I can hold just a bit high for the long shots and still have plenty of power left for the kill with a shot to the chest.


----------



## nosib (Dec 4, 2008)

i guess if i have a .223 why get a .204 should just stick with the .223


----------



## barebackjack (Sep 5, 2006)

nosib said:


> i guess if i have a .223 why get a .204 should just stick with the .223


Exactly! Your learning young grasshopper.


----------



## nosib (Dec 4, 2008)

:lol: :beer:


----------



## ay tee (Jun 11, 2007)

the best gun maker?... i thought so hard on this one but after hours of head pain i finaly got it... the one that shoots the bullet when you pull the trigger...

if i asked what nfl team is the best everyone would have a different "opinion"... same as vehicle maker... there are different manufacturers because not everyone likes the exact same thing...

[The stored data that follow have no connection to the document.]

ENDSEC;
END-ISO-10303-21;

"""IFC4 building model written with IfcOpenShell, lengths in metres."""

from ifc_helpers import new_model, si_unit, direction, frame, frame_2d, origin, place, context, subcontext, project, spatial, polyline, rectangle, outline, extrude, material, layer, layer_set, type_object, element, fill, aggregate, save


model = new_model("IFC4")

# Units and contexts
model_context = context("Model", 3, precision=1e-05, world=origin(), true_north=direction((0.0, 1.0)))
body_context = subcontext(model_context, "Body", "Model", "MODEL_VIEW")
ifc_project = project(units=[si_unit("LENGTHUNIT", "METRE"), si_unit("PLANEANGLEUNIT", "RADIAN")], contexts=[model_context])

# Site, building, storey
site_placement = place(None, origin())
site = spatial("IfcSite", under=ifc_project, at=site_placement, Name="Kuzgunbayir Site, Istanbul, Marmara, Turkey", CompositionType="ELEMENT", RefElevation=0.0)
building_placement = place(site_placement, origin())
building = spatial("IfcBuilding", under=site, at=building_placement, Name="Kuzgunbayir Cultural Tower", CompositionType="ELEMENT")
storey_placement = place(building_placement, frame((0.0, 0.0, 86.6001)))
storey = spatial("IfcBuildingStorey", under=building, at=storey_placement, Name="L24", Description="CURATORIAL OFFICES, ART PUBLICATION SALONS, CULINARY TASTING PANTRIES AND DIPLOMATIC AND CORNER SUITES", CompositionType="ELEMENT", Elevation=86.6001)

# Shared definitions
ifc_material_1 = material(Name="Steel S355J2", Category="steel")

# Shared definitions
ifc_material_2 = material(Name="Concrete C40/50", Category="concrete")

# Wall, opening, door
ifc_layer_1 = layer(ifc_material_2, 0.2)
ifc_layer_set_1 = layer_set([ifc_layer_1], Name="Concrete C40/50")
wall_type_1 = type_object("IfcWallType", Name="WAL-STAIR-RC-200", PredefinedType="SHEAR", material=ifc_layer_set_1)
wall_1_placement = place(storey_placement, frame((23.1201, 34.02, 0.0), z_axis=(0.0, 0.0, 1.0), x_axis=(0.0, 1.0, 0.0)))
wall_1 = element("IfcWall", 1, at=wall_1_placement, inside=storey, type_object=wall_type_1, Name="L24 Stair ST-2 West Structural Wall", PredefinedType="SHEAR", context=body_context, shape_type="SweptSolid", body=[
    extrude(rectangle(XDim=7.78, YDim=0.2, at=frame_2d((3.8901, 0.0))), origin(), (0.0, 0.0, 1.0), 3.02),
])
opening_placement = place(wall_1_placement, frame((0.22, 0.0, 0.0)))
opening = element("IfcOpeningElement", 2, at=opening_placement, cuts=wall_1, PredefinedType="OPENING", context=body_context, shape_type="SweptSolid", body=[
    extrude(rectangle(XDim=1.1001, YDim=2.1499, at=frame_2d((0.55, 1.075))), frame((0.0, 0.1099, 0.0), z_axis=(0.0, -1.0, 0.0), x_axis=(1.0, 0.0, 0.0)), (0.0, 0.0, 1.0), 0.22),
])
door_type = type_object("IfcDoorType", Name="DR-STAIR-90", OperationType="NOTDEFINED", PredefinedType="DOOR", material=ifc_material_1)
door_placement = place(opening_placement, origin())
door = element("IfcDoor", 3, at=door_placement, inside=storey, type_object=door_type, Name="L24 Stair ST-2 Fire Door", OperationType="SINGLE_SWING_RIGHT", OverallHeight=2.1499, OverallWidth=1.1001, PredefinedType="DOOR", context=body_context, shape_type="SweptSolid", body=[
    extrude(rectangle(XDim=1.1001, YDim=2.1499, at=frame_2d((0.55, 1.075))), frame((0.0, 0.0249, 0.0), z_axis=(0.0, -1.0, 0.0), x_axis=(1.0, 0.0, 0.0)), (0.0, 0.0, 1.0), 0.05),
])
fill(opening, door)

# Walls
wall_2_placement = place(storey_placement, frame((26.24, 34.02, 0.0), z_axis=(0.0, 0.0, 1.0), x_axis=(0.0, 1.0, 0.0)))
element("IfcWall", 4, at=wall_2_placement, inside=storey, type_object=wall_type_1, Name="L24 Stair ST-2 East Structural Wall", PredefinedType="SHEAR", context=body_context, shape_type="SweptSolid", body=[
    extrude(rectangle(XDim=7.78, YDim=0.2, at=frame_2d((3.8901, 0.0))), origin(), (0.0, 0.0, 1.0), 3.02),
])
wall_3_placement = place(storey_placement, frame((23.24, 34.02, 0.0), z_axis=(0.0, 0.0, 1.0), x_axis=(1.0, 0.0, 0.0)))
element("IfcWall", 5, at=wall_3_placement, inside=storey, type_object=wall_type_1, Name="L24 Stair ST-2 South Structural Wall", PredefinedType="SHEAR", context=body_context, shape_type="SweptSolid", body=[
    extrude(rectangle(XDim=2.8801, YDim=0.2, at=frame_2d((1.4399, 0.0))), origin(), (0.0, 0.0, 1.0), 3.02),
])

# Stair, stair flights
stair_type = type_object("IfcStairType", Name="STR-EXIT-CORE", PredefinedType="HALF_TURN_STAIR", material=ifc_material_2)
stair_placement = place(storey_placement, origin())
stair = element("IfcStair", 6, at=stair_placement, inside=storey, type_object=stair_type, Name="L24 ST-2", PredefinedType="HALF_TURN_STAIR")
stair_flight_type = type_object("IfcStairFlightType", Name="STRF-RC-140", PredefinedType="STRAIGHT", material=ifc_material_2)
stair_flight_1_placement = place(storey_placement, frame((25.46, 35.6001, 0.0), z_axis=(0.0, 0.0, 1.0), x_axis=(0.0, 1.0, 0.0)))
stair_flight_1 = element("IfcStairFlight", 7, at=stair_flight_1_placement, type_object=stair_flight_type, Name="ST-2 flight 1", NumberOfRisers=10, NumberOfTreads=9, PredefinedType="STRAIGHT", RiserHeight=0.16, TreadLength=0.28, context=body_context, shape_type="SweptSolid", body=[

and people, lets not start this 204 isn't large enough to kill a coyote with... you may not think so, but i dont seem to have a problem with mine, and it looks like there are a few others out there who feel the same... its a never ending dispute of "opinion"... as nosib stated, may want to thing about the shooter before you think about the gun... in the end its all about the shooter, i mean.. the used to kill deer with rocks on the end of a stick...


----------



## nosib (Dec 4, 2008)

lol when people ask for certain things on these forums they will always be opinions more less.


----------



## blhunter3 (May 5, 2007)

The best gun is a gun that shoots everytime the triggar is pulled and it shoots straight.


----------



## nosib (Dec 4, 2008)

lol the perfect gun is one that has anti gravity bullets and shoots perfectly straight


----------



## dynarider68 (Mar 18, 2007)

well for rifles its Tikka for me ...I have 3 of them..2 in 22-250 and 1 in 7mm mag..for shotguns its a benelli for me..hand guns I owned a springfield in 40 s&w and hated it..traded it for a glock model 35 in 40 s&w and love it..


----------



## 308 (Jul 10, 2007)

colt saurer for rifles

remington for shotguns


----------



## nosib (Dec 4, 2008)

308 what cal. colt to you have?


----------



## alleyyooper (Jul 6, 2007)

Rifle's: Remington, Savage.

Shot gun: Ithaca, Bretta

Pistol: Dan Wesson

But if your choseing to buy?
One that fits you and your buget. 
One that fits your wants.
One that fits your future.
Do you want to start reloading? 
Its a real pisser to find empty hulls in grass, snow or weeds.

A 300 Win Mag won't kill if you can't shoot it either.

 Al


----------



## nosib (Dec 4, 2008)

alley your right that the shooter matters so the best gun can become one of the worst with a horrible shot.


----------



## People (Jan 17, 2005)

alleyyooper That is wize words.

It is very hard to say who makes the best factory rifle. I have seen guns from many different companies shoot great and some just not shoot for anything.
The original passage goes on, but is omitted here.